There were two ministers during my time there. The first one had visited my mother when we lived on the Berryville road. They sat together in the living room and drank tea. I think they were mildly romantic but I did not eavesdrop on them; I was too embarrassed. Our second minister was younger and very intense. The older ladies loved him. For reasons I have forgotten, he turned me against the church, or perhaps something else did and I associate it with his tenure. I remember thinking him a fraud. After high school, I never went regularly to church again and for years called myself an agnostic.
Earning money became top priority when, sometime during 11th grade, my mother’s monthly alimony and child support check stopped coming. She tried to trace Jack Pratt through the bank and his former place of employment, Ingersoll-Rand, but nothing came of it. No one seemed to know where he was. His mother, June Mullaney, was not in touch with him (she said). He had, in fact, always disliked his mother, and when we were still a family, he used to put her letters in a drawer without opening them.
Much later, after our mother died, Janine wrote to the Veterans Administration for information on her father, and they sent her boxes of files. He had filed one medical claim after another. She learned so much from these files she was able to write a book (Janine Pratt Moden, Black Pearls and Hollyhocks, 2001). She also learned from her half-sister, Betty, Jack’s first child with his first wife, the whereabouts of Jack’s last child, the daughter of the Spanish spy, and arranged a meeting
What stood out for me in this welter of unexpected and not particularly welcome information was that June had always known Jack’s whereabouts. What we also learned was that he had come to settle after the war in the Eastern part of the United States, not far from where we lived, where for a time he made a good living as a stock broker.
Looking at this from the long perspective of over 50 years, it does not seem strange that he would have had enough of supporting a second family for more than six years. He had another child by then, and we knew he had lost his job with Ingersoll-Rand. I suppose, like all divorced men, he had hoped Sylvia would remarry. She was by then 58 years old with two teenage girls.
So what to do? The wolf was snarling around the door. The chimney needed repair. Our friendly bank manager agreed to let her pay the interest on the mortgage without paying anything against the principal. Still, we needed more income. The house became our cash cow.
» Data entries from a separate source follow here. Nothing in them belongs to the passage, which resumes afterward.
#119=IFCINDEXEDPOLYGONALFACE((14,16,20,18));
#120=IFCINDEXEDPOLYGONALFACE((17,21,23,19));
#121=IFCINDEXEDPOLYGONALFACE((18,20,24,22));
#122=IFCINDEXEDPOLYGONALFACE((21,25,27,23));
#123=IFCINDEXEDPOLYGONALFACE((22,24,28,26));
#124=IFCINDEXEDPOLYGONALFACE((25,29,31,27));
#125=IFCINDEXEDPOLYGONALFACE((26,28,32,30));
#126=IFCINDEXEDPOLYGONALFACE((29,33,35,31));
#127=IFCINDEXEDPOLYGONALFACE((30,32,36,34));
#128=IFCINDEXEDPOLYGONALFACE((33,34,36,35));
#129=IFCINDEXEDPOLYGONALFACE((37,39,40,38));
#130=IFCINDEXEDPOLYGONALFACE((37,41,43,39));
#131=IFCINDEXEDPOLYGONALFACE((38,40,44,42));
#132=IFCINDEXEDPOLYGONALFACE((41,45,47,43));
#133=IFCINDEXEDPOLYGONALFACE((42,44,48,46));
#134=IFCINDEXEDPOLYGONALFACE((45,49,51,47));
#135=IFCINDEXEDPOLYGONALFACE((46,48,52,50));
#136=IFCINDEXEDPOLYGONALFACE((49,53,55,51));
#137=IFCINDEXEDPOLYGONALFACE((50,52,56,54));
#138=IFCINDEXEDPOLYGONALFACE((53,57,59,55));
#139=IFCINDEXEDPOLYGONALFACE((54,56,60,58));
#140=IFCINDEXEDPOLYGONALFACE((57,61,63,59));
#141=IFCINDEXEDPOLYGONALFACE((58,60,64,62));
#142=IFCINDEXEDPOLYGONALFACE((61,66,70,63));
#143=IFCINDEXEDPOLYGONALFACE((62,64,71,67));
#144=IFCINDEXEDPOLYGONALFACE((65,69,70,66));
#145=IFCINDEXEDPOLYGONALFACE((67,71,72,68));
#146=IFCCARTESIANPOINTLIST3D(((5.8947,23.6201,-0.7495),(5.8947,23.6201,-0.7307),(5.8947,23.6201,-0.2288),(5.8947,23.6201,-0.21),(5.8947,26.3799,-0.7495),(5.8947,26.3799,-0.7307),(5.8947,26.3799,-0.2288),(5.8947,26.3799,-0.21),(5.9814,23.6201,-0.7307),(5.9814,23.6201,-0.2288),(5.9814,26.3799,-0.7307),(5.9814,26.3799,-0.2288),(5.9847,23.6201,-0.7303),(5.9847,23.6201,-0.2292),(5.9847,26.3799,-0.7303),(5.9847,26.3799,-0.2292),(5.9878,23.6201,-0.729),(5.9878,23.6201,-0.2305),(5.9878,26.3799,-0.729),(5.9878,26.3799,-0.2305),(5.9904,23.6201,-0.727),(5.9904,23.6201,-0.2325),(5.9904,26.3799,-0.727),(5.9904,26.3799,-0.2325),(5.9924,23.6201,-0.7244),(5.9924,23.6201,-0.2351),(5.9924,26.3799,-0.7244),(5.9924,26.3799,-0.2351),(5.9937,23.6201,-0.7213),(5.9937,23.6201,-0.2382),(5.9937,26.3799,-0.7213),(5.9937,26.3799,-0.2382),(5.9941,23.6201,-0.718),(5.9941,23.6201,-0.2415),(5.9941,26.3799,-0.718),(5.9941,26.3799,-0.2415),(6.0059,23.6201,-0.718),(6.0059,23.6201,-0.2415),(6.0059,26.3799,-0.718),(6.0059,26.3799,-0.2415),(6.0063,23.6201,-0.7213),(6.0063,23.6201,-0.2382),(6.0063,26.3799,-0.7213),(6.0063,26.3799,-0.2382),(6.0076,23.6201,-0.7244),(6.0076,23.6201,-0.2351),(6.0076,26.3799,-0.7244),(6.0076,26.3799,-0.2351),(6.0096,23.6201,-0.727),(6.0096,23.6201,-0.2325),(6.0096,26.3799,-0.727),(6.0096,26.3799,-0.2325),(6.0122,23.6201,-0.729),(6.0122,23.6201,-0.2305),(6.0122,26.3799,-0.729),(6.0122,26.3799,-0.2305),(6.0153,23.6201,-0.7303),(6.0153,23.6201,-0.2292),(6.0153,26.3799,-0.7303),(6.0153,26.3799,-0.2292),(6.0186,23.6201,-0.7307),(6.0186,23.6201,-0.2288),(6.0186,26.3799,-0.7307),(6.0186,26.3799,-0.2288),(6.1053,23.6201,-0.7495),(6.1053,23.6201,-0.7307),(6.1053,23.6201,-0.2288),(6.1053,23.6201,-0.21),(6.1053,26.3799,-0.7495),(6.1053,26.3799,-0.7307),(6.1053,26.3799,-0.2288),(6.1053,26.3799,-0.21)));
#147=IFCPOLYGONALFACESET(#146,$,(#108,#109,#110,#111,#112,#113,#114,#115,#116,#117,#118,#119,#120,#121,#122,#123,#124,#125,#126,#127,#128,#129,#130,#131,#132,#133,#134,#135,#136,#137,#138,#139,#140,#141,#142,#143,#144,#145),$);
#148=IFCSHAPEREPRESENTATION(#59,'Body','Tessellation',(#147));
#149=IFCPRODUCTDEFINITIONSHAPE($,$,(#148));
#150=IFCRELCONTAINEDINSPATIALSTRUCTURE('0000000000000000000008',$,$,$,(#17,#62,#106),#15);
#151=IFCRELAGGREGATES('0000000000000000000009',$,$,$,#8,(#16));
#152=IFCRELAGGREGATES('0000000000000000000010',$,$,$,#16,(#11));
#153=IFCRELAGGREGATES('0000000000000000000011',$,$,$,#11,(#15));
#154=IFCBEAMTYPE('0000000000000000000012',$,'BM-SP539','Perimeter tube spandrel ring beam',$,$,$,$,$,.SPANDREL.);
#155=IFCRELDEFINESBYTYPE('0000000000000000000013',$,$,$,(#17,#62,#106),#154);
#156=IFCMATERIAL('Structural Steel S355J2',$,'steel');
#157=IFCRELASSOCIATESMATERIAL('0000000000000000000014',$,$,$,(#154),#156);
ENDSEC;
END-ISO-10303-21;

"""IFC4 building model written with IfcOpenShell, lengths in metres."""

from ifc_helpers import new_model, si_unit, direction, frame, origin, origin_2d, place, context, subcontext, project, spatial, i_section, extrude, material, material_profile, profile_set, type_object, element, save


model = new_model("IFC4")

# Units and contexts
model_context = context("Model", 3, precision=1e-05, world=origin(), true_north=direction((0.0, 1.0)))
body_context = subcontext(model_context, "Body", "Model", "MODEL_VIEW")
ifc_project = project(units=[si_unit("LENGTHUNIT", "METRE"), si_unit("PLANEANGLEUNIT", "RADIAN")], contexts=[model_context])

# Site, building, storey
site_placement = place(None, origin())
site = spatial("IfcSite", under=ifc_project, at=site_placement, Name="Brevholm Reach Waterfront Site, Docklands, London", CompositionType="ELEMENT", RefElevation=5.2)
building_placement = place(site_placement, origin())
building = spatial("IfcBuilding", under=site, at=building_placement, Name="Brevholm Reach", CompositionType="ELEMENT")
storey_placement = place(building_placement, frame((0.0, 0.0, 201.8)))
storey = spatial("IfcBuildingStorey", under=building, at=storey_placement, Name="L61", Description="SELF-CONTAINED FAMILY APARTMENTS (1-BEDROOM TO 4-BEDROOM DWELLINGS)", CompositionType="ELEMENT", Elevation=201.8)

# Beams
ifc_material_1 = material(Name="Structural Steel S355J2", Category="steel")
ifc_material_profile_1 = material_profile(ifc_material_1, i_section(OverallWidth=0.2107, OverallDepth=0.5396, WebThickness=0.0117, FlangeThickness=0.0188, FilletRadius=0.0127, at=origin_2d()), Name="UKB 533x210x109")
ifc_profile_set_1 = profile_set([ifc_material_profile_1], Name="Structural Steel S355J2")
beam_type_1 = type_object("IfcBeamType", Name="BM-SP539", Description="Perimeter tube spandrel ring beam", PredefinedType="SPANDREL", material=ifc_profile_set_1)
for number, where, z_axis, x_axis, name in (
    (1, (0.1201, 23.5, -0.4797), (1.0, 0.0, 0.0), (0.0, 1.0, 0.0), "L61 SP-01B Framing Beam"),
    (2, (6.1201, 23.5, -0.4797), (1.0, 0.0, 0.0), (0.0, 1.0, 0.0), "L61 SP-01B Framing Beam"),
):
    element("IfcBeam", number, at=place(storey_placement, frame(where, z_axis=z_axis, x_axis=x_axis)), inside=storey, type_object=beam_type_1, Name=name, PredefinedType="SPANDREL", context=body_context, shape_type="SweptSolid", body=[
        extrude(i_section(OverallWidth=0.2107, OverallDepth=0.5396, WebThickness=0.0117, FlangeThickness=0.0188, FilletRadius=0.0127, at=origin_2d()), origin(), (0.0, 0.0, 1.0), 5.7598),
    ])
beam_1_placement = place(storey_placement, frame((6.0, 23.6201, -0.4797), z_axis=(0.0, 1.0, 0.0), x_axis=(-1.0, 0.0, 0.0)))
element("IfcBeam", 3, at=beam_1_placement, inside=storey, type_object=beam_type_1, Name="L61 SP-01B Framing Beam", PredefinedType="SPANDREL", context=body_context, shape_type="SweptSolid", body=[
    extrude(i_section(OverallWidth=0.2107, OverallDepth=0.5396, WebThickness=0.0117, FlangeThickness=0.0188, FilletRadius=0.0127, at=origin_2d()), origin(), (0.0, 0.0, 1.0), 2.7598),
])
My mother’s first attempt to bring in money was to inform the Winchester public school system that she had two rooms to rent to teachers. She would give them meals. My sister and I moved into what had been the maid’s room at the top of the back stairs, leaving our two rooms available.
When I started 11th grade, two young teachers moved in with us. One became my typing teacher, the other taught primary school. They were to eat breakfast and dinner with us as part of their board.
My mother, being English and well brought up, made a good impression on the paternalistic school system. Young female teachers were treated very much like college students of the day. The school assumed an in loco parentis attitude toward them. My mother was expected to behave as a kind of house mother. Nothing could have been more alien to her temperament. She didn’t care what the young women did with their free time. She needed their money and tried to feed them well. This was the end of it, as far as she was concerned.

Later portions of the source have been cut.